Advisory and Consulting Firm’s Role as Global Corporate Citizens
Management consulting and finance advisory service providers can help the Sri Lankan government study the economic impact of this financial crisis. Such service providers can draft stimulus packages, chart exit strategies, suggest industry-specific rejuvenation and revival schemes, and pitch methods to accelerate economic recovery. Firms can help enhance decision making ability by predicting different quantitative scenarios for the advisory council as the crisis marches on.
Few specific areas to pitch in are:
- Near Real-time data: A crisis such as this is rapidly evolving. While preparing this report, the price of milk powder has changed from necessity to a luxury. It is all the while most important to run period survey and gather near-real time data to better navigate through the situation.

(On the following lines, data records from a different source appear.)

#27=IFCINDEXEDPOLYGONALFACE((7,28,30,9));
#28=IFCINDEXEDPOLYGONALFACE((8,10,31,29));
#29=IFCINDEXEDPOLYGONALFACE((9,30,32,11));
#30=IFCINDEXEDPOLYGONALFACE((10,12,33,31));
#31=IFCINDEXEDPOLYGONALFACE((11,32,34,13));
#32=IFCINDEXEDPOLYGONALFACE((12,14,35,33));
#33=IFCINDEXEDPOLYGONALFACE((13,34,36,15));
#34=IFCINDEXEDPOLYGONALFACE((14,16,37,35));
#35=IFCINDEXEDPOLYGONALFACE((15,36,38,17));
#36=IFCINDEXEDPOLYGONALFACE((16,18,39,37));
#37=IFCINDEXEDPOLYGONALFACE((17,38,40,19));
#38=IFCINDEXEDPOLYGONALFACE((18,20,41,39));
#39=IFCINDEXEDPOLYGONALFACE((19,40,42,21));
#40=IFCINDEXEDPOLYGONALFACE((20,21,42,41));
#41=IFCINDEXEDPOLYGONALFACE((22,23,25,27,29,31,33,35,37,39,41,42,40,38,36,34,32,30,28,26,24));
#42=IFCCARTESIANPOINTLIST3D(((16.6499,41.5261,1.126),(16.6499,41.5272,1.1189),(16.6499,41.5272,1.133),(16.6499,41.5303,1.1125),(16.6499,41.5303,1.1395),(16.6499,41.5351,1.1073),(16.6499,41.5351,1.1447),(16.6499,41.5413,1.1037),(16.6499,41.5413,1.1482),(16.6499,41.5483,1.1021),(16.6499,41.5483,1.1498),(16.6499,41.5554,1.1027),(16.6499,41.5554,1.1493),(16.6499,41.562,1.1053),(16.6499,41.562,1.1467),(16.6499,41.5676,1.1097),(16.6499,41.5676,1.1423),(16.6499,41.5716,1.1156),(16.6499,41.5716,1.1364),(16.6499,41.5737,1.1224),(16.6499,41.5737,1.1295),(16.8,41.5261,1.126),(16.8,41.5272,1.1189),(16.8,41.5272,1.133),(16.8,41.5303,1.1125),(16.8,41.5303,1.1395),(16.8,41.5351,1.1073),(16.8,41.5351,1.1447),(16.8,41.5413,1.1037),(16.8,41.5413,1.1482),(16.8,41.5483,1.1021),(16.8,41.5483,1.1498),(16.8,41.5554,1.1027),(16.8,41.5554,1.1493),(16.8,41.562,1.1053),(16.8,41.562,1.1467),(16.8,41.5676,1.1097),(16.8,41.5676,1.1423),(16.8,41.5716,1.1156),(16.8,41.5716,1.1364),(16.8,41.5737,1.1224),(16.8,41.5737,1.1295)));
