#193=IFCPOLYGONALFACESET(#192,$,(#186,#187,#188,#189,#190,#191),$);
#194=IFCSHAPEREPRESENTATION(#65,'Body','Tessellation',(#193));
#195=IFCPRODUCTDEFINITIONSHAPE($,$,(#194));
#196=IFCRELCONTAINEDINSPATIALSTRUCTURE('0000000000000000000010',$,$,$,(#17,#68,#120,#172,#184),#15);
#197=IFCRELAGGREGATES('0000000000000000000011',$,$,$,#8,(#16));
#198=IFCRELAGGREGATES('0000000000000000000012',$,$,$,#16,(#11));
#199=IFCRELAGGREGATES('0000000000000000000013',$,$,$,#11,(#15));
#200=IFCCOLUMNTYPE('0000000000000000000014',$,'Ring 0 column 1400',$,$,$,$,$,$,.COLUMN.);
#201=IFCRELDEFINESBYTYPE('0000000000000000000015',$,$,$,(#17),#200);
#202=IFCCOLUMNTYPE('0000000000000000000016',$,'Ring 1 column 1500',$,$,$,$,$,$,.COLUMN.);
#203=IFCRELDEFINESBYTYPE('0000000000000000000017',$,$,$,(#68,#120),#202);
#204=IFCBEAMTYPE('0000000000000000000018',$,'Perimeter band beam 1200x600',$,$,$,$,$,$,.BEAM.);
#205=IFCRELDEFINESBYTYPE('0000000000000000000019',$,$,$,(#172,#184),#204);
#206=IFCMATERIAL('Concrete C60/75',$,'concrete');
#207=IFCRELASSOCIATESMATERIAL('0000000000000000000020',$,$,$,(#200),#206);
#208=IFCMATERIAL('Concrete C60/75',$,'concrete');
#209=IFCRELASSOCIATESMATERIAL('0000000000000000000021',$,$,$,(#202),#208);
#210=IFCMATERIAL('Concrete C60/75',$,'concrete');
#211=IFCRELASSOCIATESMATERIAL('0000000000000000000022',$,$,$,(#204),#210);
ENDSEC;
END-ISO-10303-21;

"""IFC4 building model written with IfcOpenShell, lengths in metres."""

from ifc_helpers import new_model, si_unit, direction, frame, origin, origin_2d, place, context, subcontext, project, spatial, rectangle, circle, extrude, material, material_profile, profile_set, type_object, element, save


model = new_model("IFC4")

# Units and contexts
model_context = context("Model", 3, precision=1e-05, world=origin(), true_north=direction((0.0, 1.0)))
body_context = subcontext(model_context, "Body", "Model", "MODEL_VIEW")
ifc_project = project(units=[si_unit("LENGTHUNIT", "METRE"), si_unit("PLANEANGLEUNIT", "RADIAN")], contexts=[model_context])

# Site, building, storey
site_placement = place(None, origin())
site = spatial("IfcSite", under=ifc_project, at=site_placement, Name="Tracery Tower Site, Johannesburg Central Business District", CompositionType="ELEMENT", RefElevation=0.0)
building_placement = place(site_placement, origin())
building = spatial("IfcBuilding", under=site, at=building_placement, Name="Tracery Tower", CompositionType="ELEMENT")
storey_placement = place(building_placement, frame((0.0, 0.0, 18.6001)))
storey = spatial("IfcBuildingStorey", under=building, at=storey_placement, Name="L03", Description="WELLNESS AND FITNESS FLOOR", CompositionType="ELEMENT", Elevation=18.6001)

- Projections- continuous adapting: While much of the dust is yet to settle, a probable future analysis can best prepare all stakeholders in setting the right expectations. The target would be to look in a stable future and best articulate the probable paths.
- Scenario Building: Critical exercise for any business with segment- and product-wise best/worst case scenario mapping.
- Regulatory/Tax Audit: Debt restructuring seems to be on the cards and if IMF is the savior, this will have direct implications on economic and potentially operational policies, including redo of tax structures and regulatory implications on foreign exports.